I hope you noticed that when I said small companies, I meant it. Fortress
International only has a market cap $13.67M, Southpeak Interactive trades at
a $24.78M, Rand Logistics at $37.13M, and Steinway at about $102M. My guess
is that most of these companies will have little by way of analyst coverage or
attention on Wall Street or CNBC. The advantage is simple: less coverage means
there’s less eyes on them and produces greater opportunities for you, the small
investor. The market in these area is generally less efficient and the businesses
are actually rather simple. I think that companies of this size are better for newer
investors because like Sonkin says, they’re much easier to analyze. Steinway is
going to have less moving parts than a company like Kraft and it means you can
hone in on your analysis better.
I also thought it was interesting that Sonkin sees some of these companies as
ones with great long term prospects to grow as business. I know that other
investors only venture into companies of this size range in order to find net-nets
or special situations, but it seems like Sokin is taking a much comprehensive
approach.

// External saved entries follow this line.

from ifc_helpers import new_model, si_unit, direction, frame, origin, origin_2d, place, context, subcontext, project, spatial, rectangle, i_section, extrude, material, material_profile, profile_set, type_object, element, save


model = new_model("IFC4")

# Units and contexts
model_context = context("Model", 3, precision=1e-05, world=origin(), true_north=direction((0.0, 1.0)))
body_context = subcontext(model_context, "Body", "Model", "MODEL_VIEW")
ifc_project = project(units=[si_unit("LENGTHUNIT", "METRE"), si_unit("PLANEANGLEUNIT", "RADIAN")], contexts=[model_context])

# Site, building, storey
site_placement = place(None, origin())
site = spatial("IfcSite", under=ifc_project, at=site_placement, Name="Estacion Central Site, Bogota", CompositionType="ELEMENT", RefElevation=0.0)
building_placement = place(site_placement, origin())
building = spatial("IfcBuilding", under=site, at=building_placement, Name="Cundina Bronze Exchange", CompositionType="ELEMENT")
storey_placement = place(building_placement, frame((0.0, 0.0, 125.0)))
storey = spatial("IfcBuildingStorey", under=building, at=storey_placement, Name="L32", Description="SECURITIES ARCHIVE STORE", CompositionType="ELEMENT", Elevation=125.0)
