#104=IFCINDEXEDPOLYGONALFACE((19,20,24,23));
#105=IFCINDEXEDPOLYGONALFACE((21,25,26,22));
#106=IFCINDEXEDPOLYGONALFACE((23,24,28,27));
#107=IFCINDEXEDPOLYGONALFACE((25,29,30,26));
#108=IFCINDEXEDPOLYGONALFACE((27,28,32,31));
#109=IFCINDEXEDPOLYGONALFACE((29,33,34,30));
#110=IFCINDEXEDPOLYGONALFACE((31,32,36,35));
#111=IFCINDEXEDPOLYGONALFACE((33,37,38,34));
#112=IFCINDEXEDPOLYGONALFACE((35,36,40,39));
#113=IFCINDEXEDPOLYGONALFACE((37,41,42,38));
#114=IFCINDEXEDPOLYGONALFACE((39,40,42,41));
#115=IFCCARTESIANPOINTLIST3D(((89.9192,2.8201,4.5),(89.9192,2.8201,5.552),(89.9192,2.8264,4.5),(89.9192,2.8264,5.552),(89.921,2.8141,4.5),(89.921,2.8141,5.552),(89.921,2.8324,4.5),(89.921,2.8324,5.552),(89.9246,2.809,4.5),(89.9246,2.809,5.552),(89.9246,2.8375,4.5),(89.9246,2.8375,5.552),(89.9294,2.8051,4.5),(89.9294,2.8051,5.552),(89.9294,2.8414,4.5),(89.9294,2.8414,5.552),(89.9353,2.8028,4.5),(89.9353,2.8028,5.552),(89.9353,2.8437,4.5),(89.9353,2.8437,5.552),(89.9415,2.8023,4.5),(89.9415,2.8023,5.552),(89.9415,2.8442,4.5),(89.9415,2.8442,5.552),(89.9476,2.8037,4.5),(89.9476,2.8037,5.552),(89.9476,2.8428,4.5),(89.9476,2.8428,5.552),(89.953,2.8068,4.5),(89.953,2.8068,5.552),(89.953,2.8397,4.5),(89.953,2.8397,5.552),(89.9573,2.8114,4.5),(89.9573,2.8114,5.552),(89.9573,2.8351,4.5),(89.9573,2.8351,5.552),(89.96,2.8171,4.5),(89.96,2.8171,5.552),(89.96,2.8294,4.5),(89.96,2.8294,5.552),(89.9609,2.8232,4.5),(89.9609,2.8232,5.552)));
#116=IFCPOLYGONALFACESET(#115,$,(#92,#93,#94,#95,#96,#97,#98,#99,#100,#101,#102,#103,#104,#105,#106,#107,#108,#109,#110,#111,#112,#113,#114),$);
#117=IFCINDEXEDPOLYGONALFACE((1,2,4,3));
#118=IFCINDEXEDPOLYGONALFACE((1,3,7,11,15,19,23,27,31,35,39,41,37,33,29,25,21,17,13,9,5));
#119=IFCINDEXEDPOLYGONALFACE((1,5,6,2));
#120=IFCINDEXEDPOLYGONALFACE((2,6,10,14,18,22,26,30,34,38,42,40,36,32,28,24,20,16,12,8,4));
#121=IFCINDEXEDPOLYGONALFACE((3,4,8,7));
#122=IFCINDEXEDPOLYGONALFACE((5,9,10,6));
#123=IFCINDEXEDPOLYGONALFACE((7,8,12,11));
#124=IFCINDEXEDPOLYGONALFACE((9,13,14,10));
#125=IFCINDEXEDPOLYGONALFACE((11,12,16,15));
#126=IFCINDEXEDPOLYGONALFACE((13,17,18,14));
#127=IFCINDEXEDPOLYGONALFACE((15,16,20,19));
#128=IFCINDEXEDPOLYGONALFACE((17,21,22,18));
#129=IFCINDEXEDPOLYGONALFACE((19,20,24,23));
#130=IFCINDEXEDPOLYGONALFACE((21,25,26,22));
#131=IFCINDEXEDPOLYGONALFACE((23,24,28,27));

To find these kinds of companies you’re probably going to have to
broaden your search a bit in order to find them, since they may not come up on
an ordinary screen. Sonkin’s Fortress International investment is probably the
best example of this.
I haven’t read any of the books that Sonkin mentioned but Hidden Champions
looks to be very interesting. The book is a study on small companies (that most
people may never have heard of) that are market leaders in their respective
areas. Such a book could probably prove helpful for analyzing some of these tiny
companies from a qualitative perspective.